I just want it to be as good as the Fifth Element and I'd be good to go.

Reactions: Agree 1 | Optimistic 1


----------



## Detective (Jul 11, 2017)

The World said:


> I just want it to be as good as the Fifth Element and I'd be good to go.



That's.... not at easy feat to achieve, though.

Reactions: Agree 2


----------



## GRIMMM (Jul 12, 2017)

It looks beautiful, and I'm hopeful for some nostalgia trips with regards to Fifth Element universe aspect.

So far it's being received well by critics.

Reactions: Optimistic 1


----------



## Zhen Chan (Jul 14, 2017)

I love that the music is the instrumental to gangsta paradise by coolio


----------



## Shiba D. Inu (Jul 19, 2017)



Reactions: Like 3 | Winner 1


----------



## reiatsuflow (Jul 30, 2017)

I made a terrible mistake and went to see this movie. I don't know what I was thinking. Now the friend I dragged with me is no longer my friend and I'm on ssris. Please don't make the same mistake I did. I...I don't know what I was thinking.

Reactions: Informative 1


----------



## dream (Jul 30, 2017)

Too late.  

At least it wasn't as bad as Jupiter Ascending.

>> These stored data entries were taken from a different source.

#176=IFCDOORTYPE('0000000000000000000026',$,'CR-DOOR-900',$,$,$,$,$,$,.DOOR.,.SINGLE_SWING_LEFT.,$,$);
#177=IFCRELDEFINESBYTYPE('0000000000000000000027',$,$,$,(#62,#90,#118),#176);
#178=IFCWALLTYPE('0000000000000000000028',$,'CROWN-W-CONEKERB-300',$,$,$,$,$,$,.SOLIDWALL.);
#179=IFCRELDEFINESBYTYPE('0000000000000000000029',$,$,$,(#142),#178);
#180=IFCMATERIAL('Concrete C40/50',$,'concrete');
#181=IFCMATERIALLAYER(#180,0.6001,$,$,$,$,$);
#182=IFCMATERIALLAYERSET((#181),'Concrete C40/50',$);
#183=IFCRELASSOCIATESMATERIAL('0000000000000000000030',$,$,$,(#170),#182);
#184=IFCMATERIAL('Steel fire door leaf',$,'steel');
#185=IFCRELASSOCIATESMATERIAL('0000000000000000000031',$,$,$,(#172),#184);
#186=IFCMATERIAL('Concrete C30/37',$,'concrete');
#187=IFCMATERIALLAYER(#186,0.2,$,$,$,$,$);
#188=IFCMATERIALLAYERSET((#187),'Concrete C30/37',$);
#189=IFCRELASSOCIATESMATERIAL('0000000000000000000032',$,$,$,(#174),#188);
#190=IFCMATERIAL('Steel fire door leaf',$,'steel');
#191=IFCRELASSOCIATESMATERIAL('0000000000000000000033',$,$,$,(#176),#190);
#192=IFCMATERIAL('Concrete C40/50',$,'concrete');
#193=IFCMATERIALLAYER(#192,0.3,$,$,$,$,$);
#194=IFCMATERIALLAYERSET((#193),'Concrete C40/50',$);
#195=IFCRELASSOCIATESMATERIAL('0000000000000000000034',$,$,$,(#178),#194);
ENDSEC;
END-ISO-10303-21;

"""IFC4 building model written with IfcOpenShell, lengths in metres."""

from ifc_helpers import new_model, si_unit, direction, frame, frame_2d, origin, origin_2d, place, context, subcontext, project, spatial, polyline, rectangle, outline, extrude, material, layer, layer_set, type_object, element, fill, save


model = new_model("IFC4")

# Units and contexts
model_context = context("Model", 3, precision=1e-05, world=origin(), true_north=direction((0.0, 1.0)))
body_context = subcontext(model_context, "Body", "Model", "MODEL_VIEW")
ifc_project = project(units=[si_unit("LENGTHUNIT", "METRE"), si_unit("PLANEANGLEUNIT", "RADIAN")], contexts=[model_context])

Reactions: Agree 1 | Optimistic 1


----------



## blakstealth (Aug 1, 2017)

It was a pretty fun movie. Rihanna was incredible~


----------



## Rukia (Aug 6, 2017)

blakstealth said:


> It was a pretty fun movie. Rihanna was incredible~


Her acting during her death scene.


----------



## Detective (Aug 7, 2017)

Rukia said:


> Her acting during her death scene.



At least it was brief. Thankfully we didn't put up with that shit for long.

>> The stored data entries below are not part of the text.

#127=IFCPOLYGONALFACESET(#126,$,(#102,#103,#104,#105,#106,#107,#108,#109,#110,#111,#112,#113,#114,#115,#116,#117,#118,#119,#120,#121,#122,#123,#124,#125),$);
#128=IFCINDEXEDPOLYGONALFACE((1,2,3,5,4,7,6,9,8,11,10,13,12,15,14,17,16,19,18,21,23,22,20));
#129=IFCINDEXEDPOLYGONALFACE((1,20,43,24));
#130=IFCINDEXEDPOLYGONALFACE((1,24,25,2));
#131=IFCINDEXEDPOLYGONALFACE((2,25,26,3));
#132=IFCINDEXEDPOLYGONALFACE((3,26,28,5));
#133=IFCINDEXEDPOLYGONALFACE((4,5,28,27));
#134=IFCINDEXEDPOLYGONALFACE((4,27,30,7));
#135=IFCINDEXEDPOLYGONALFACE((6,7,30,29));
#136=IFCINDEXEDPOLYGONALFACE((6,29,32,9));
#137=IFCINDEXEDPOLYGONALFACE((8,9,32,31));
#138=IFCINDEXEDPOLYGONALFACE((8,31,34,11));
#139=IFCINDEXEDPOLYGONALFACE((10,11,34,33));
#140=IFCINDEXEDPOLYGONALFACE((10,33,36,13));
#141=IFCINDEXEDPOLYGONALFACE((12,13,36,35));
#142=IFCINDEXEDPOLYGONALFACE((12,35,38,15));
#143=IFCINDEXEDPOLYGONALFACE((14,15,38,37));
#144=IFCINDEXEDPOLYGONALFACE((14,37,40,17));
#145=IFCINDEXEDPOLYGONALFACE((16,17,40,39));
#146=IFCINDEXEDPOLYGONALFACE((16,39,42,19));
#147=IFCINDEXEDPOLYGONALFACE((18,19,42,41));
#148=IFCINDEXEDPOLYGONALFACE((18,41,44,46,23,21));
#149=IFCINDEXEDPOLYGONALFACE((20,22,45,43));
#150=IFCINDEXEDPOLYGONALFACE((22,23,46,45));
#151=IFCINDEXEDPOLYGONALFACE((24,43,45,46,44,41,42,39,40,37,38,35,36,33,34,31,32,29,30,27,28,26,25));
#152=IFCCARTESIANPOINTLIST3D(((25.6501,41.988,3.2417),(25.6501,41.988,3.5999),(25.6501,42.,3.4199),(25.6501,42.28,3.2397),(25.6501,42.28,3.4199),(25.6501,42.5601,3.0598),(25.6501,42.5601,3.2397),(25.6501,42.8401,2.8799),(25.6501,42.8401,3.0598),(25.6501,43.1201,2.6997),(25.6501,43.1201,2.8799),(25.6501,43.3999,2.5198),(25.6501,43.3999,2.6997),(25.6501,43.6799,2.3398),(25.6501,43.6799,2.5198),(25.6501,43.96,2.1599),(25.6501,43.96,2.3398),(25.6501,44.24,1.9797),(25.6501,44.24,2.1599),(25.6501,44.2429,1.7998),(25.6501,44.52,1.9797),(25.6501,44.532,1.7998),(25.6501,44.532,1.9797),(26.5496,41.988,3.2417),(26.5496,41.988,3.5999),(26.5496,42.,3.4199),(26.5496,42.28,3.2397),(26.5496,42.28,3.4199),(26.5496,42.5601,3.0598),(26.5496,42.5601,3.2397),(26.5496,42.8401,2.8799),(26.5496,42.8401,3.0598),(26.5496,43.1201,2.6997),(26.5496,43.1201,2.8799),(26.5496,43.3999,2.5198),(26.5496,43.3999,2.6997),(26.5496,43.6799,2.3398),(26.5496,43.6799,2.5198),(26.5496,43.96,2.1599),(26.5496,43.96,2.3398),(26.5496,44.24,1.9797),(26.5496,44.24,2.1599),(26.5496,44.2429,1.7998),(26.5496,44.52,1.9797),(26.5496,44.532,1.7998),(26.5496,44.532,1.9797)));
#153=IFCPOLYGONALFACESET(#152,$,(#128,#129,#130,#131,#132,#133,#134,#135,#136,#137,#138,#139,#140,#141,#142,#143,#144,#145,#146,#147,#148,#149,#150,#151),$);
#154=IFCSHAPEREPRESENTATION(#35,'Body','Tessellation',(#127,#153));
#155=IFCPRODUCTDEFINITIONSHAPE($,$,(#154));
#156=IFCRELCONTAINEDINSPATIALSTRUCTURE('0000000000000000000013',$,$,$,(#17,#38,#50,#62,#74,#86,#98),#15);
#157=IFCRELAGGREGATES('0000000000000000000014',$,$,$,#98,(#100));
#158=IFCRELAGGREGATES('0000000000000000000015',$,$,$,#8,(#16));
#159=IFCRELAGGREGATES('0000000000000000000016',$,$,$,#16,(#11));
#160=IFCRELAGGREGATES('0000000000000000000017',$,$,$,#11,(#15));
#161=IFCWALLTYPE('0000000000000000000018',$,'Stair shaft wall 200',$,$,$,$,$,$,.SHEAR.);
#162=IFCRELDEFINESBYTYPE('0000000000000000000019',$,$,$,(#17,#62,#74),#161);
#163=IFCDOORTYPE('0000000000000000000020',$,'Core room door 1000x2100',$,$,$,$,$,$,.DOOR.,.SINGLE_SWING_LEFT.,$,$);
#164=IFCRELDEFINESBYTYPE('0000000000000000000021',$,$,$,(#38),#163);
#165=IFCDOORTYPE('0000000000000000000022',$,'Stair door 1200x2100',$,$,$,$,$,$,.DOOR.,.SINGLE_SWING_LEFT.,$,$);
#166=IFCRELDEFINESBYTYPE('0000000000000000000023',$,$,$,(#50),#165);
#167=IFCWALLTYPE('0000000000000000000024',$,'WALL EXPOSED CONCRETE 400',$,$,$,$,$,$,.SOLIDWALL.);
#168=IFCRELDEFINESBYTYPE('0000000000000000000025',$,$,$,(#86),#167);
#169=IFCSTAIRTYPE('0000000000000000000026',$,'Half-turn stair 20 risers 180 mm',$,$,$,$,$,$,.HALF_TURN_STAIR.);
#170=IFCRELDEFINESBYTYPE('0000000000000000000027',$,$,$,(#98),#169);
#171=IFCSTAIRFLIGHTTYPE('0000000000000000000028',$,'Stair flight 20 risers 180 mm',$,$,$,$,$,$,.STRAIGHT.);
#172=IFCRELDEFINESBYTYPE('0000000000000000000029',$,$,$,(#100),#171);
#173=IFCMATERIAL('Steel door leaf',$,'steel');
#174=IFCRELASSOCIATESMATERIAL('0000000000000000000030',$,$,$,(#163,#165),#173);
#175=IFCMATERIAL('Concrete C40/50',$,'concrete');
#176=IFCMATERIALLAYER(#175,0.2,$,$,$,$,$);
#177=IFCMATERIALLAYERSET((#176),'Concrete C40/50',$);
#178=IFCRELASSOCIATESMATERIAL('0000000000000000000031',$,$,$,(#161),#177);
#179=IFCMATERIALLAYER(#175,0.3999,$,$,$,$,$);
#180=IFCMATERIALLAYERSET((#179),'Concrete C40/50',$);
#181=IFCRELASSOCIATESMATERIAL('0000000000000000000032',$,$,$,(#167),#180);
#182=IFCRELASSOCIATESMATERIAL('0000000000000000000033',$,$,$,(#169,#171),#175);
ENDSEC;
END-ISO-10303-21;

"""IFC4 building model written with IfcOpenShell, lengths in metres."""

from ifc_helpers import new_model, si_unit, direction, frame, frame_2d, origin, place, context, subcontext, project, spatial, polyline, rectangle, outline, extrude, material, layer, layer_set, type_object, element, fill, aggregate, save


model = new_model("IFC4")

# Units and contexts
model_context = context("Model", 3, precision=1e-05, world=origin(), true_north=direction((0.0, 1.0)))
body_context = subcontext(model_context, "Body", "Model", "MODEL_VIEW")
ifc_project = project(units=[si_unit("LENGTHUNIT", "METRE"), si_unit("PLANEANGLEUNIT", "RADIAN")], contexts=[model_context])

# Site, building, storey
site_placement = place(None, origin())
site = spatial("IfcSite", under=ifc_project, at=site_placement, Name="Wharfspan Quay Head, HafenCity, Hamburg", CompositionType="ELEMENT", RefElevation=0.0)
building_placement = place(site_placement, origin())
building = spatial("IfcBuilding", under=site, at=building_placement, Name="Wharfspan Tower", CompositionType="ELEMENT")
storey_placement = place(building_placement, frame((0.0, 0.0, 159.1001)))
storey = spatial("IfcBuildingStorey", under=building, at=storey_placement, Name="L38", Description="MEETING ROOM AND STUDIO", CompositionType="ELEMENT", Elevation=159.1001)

Remember her in Battleship?


----------



## blakstealth (Aug 8, 2017)

Rukia said:


> Her acting during her death scene.


She did the best she could with the script


----------



## Suigetsu (Aug 14, 2017)

Why do they hire famous folks that are terrible actors?
Inb4 cause they bring public.
Oh well well.

So... was this jupiter descending 2?


----------



## Tony Lou (Aug 14, 2017)

Suigetsu said:


> Why do they hire famous folks that are terrible actors?
> Inb4 cause they bring public.
> Oh well well.



Same reason why she morphed into Rihanna again during her death scene. That shit made no sense from the movie's perspective.



Saishin said:


> Cara looks like Emma Watson



She rather reminds me of Eva Green. Her eyes are so freaking intense.


----------



## dr_shadow (Sep 3, 2017)

Saw it.

Visuals were breathtaking at times, on par with Guardians of the Galaxy or even Star Wars.

But the plot was confused and the characters undeveloped. It's just a series of unrelated adventure setpieces happening without much coherence. Several scenes could be cut completely or re-cut in any order and it wouldn't make a difference.

No chemistry between leads; we never understand why they supposedly like each other because their relationship is not set up except for the first scene.

What passes for the main plot is an unoriginal Avatar-esque "white guilt" narrative about humanity wrecking pre-industrial aliens. Snooze.

Btw the title is sexist, because what's-her-name is just as important and has just as much screentime as Valyrian, so I don't get why he alone gets the protagonist crown.

In conclusion... it kind of reminds me of Star Wars: Episode I. But not as offensive because this doesn't have any previous movies to insult.

Still, I'm digging this aesthetic, and would love for Besson to make another science fiction film with a better script.

Reactions: Informative 1


----------



## Detective (Sep 3, 2017)

mr_shadow said:


> Saw it.
> 
> Visuals were breathtaking at times, on par with Guardians of the Galaxy or even Star Wars.
> 
> ...



If I recall correctly, in the book this was based on, the female main character is actually the one who spends most of her time running around being the heroine and rescuing the male main character in the end.


----------



## dr_shadow (Sep 4, 2017)

I didn't get what age the protagonists are meant to be either.

The actors are 31 and 25, respectively, but they look and act like they're 17. And their military ranks are supposed to be major and sergeant?



I get the feeling that the source material (which I haven't read) is in the "young adult" genre, where the protagonists are implausibly young to make it easier for the target audience to identity with them.


----------



## Saishin (Sep 11, 2017)

I have to wait 15 Sept to see it since that is the release date in my country.


----------



## Swarmy (Sep 11, 2017)

Saishin said:


> I have to wait 15 Sept to see it since that is the release date in my country.


It isn't worth the wait


----------



## Saishin (Sep 11, 2017)

Swarmy said:


> It isn't worth the wait


Is that really bad?


----------



## the_notorious_Z.É. (Sep 11, 2017)

So it seems Asterix & Obelix Mission Cleopatra still is the best European comic book movie.


----------



## Ghost_of_Gashir (Sep 14, 2017)

Rihanna didn't show boobs. 0/10.


----------